Secara kasat mata, mungkin kita bisa mengangkat spekulasi-spekulasi tertentu terkait duduk kasus ini. Namun ketika anggapan atau spekulasi tadi tidak bersandarkan kepada keilmiahan data dan landasan teoritis yang kuat maka hasilnya akan sama dengan nol dan tidak akan besar lengan berkuasa banyak terhadap duduk kasus yang mulai mengakar ini. Berdasarkan pertimbangan ini, kami mencoba mengangkat tema penelitian kami dalam ranah sejauhmana pengangguran intelektual sanggup dikategorikan sebagai seuatu permasalahan fundamental dan mempunyai hubungan yang cukup kuat terhadap sistem pendidikan yang berlaku di Indonesia. Karena menyerupai yang kita ketahui segala sesuatu yang menyangkut perjuangan kecerdasan bersama di negri ini, niscaya selalu “didikte” oleh sistem pendidikan yang ada. Berangkat dari itulah kami mencoba mengaitkan duduk kasus pengangguran terdidik ini dengan sebuah sistem yang menempel didalamnya. Dilain hal kami juga berusaha melalui penelitian yang dilakukan, kami juga bisa menunjukkan solusi komperhensif terkait duduk kasus pengangguran intelektual. Setidaknya, hal-hal tadilah yang menjadi tujuan utama kami dalam hal pemilihan tema penelitian yang kami angkat.
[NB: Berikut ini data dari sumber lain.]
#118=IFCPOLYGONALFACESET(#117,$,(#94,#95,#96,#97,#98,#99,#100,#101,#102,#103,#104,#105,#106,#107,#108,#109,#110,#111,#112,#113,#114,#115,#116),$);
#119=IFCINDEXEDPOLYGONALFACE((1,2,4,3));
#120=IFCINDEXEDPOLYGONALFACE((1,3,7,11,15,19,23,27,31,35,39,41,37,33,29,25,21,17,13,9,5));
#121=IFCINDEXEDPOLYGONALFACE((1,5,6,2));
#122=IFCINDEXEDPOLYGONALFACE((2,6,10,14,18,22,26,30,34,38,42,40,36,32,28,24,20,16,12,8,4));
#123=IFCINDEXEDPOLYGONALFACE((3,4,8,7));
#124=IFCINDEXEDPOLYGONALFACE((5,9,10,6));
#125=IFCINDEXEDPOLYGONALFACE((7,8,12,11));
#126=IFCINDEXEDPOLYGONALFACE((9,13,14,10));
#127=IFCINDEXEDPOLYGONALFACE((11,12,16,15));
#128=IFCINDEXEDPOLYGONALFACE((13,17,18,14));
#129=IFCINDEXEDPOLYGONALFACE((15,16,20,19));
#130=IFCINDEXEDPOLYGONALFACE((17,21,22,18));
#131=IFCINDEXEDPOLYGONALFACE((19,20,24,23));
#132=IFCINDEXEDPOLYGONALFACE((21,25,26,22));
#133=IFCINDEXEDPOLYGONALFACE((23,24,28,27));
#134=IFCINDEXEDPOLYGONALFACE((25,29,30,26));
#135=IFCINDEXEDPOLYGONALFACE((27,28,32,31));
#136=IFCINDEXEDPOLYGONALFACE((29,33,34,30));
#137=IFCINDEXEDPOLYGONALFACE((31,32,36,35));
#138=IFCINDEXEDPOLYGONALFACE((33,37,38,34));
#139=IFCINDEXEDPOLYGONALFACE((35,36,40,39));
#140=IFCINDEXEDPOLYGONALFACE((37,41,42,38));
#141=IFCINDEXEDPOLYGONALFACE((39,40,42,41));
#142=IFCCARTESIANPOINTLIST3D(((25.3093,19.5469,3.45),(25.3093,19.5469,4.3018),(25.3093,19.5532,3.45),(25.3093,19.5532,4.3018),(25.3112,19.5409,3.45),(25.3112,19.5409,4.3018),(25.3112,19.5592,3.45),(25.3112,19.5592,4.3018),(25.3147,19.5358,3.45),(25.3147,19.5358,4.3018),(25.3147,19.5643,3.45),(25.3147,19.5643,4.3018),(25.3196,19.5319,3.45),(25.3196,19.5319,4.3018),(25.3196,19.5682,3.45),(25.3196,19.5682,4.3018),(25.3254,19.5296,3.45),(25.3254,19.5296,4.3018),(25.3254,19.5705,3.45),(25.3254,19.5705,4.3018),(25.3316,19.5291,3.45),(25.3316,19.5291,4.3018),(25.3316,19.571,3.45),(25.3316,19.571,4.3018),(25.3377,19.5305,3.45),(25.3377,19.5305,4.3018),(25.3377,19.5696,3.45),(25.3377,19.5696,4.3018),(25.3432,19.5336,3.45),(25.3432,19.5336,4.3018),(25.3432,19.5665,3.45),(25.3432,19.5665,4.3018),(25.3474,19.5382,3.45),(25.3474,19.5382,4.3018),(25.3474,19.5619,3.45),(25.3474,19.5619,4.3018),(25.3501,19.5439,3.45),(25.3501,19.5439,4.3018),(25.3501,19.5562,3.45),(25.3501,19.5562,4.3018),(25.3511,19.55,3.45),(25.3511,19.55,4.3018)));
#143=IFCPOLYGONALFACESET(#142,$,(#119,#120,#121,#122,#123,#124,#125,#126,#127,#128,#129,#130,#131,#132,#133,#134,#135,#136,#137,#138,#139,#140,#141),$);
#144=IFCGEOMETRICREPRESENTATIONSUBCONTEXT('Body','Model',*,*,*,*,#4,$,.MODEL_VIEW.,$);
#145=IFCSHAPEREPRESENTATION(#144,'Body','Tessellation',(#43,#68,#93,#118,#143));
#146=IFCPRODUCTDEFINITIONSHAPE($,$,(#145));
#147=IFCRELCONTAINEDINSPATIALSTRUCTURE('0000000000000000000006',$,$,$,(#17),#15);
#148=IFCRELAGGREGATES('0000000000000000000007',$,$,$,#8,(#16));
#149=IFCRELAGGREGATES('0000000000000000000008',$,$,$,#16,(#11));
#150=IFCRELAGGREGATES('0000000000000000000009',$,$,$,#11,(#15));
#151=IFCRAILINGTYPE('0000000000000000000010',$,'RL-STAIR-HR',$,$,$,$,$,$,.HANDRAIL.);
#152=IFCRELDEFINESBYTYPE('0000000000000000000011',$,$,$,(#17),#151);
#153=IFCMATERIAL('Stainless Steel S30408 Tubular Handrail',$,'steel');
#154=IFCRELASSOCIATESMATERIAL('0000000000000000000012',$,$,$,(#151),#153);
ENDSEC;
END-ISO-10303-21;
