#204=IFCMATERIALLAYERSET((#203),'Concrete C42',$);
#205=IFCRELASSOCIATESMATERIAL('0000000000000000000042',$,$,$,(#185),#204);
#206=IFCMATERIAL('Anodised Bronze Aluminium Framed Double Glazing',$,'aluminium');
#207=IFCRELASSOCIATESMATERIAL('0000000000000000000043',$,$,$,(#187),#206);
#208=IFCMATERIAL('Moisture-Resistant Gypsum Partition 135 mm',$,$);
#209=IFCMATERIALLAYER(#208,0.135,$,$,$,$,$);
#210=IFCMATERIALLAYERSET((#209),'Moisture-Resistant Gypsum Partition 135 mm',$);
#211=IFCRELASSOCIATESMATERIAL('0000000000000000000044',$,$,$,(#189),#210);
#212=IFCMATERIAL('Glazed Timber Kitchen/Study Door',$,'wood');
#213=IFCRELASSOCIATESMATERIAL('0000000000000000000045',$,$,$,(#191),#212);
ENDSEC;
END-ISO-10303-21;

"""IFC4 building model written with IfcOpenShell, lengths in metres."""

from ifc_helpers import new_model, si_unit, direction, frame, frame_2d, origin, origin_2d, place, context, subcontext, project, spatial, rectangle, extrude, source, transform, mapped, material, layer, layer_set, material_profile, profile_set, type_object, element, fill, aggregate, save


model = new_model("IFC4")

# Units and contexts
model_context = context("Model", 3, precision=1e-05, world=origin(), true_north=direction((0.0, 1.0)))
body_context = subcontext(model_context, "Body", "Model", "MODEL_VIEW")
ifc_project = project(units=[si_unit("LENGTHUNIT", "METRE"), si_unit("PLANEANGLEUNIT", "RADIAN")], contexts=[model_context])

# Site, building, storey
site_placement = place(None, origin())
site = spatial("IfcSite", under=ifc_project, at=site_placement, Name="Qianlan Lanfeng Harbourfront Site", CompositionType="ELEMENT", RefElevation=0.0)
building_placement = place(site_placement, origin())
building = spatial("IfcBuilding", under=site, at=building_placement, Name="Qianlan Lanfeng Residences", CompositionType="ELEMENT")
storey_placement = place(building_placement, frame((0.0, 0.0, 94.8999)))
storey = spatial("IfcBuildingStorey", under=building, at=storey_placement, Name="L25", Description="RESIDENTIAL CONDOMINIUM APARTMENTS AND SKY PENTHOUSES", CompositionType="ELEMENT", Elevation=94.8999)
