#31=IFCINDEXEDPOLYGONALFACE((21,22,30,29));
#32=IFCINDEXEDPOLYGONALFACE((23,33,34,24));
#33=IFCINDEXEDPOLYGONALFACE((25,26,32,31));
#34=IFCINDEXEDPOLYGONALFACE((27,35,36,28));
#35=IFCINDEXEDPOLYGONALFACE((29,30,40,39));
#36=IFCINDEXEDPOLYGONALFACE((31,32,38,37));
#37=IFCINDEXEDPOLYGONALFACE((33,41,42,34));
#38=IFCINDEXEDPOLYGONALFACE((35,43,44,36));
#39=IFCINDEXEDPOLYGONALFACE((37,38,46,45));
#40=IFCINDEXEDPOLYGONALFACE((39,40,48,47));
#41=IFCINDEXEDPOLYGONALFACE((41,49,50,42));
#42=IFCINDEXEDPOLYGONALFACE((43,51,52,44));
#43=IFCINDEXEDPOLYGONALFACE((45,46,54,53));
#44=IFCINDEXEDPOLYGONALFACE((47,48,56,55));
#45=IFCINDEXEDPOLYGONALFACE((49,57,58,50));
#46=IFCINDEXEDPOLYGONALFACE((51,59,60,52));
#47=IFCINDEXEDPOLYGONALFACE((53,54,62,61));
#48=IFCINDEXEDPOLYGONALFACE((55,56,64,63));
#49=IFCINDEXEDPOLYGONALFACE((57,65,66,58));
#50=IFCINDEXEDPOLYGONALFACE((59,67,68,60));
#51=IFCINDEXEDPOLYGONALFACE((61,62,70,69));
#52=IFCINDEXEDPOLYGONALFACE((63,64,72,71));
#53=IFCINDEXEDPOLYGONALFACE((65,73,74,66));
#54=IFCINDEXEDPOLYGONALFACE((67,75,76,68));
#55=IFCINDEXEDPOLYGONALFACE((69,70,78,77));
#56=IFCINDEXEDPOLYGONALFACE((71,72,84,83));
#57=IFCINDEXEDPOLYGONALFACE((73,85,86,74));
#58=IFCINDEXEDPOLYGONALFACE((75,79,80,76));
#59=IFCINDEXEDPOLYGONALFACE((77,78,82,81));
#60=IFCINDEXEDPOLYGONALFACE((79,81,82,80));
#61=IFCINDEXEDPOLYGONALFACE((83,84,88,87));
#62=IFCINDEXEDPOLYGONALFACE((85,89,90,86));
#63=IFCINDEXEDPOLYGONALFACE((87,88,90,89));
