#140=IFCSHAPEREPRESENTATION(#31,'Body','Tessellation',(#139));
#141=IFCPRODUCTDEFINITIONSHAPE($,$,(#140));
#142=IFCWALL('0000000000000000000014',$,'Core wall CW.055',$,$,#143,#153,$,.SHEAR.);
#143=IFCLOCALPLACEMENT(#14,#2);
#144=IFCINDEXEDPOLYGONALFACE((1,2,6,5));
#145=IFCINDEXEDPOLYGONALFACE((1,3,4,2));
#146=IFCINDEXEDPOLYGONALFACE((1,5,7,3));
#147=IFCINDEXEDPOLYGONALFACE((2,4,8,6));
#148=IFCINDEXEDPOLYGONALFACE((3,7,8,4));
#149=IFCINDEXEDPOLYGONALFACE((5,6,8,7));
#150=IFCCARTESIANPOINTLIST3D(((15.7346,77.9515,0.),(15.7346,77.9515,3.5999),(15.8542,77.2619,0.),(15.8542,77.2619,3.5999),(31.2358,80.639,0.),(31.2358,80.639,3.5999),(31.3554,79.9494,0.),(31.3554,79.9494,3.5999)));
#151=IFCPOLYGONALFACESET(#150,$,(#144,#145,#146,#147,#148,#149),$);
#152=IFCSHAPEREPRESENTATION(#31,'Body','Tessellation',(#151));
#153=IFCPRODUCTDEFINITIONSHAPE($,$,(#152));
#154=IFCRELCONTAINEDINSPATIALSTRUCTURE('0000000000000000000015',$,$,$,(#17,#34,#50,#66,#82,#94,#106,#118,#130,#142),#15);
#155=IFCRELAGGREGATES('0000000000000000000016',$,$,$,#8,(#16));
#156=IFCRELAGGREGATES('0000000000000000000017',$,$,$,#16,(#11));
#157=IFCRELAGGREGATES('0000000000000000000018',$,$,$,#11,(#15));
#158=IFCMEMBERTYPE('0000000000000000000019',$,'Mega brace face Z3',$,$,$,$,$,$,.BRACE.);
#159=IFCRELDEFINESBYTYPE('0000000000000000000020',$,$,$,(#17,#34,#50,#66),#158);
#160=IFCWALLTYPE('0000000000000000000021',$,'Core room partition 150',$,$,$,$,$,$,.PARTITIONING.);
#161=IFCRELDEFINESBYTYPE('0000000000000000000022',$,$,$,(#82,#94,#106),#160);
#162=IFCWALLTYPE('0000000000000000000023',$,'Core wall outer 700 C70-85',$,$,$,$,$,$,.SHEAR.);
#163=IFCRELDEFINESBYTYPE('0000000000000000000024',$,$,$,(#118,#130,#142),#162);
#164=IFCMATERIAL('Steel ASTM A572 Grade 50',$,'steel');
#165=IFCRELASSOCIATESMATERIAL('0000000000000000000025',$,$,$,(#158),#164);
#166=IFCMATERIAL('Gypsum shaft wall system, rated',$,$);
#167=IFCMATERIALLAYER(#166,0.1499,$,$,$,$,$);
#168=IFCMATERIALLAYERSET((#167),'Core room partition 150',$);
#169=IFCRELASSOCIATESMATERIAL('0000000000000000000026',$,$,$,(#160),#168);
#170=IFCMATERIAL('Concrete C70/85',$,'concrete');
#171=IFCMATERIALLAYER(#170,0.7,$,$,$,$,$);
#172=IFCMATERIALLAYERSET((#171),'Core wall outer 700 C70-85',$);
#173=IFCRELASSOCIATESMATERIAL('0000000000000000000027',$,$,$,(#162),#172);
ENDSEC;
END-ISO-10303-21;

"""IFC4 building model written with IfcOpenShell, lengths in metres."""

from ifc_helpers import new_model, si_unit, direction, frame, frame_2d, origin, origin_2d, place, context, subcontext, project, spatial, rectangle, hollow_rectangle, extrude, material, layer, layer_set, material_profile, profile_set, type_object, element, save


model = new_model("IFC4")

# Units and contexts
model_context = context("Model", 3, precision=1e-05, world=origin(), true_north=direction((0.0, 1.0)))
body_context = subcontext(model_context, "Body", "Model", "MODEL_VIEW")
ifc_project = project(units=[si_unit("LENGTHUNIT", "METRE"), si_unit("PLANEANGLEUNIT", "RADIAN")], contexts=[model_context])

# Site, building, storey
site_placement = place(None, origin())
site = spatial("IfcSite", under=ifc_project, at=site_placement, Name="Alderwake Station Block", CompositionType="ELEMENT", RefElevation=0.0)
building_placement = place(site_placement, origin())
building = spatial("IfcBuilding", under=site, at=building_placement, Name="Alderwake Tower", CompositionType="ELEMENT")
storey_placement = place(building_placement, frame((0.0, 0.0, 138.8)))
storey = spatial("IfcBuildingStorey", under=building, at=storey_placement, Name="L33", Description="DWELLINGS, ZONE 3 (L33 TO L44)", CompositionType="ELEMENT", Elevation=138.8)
D. Teori Interaksi Simbolik
Teori interaksi simbolik ialah menyatakan bahwa interaksi sosial ialah interaksi simbol, Manusia diberinteraksi dengan yang lain dengan cara memberikan simbol, yang lain mempersembahkan makna atas simbol tersebut. Makna-makna itu kita bagi bersama yang lain, defenisi kita tentang dunia sosial, persepsi kita terkena, respon kita terhadap,dan realitas yang muncul dalam proses interaksi. Interaksi simbolik didasarkan pada ide-ide terkena diri dan hubungannya dengan masyarakat. Menurut engkaus besar indonesia arti dari interaksi ialah hal yang saling melaksanakan aksi, berhubungan, mempengaruhi, antar hubungan. Dan arti dari simbolik ialah sebagai lambang atau terkena lambang. Inti pandangan dari teori ini ialah Individu.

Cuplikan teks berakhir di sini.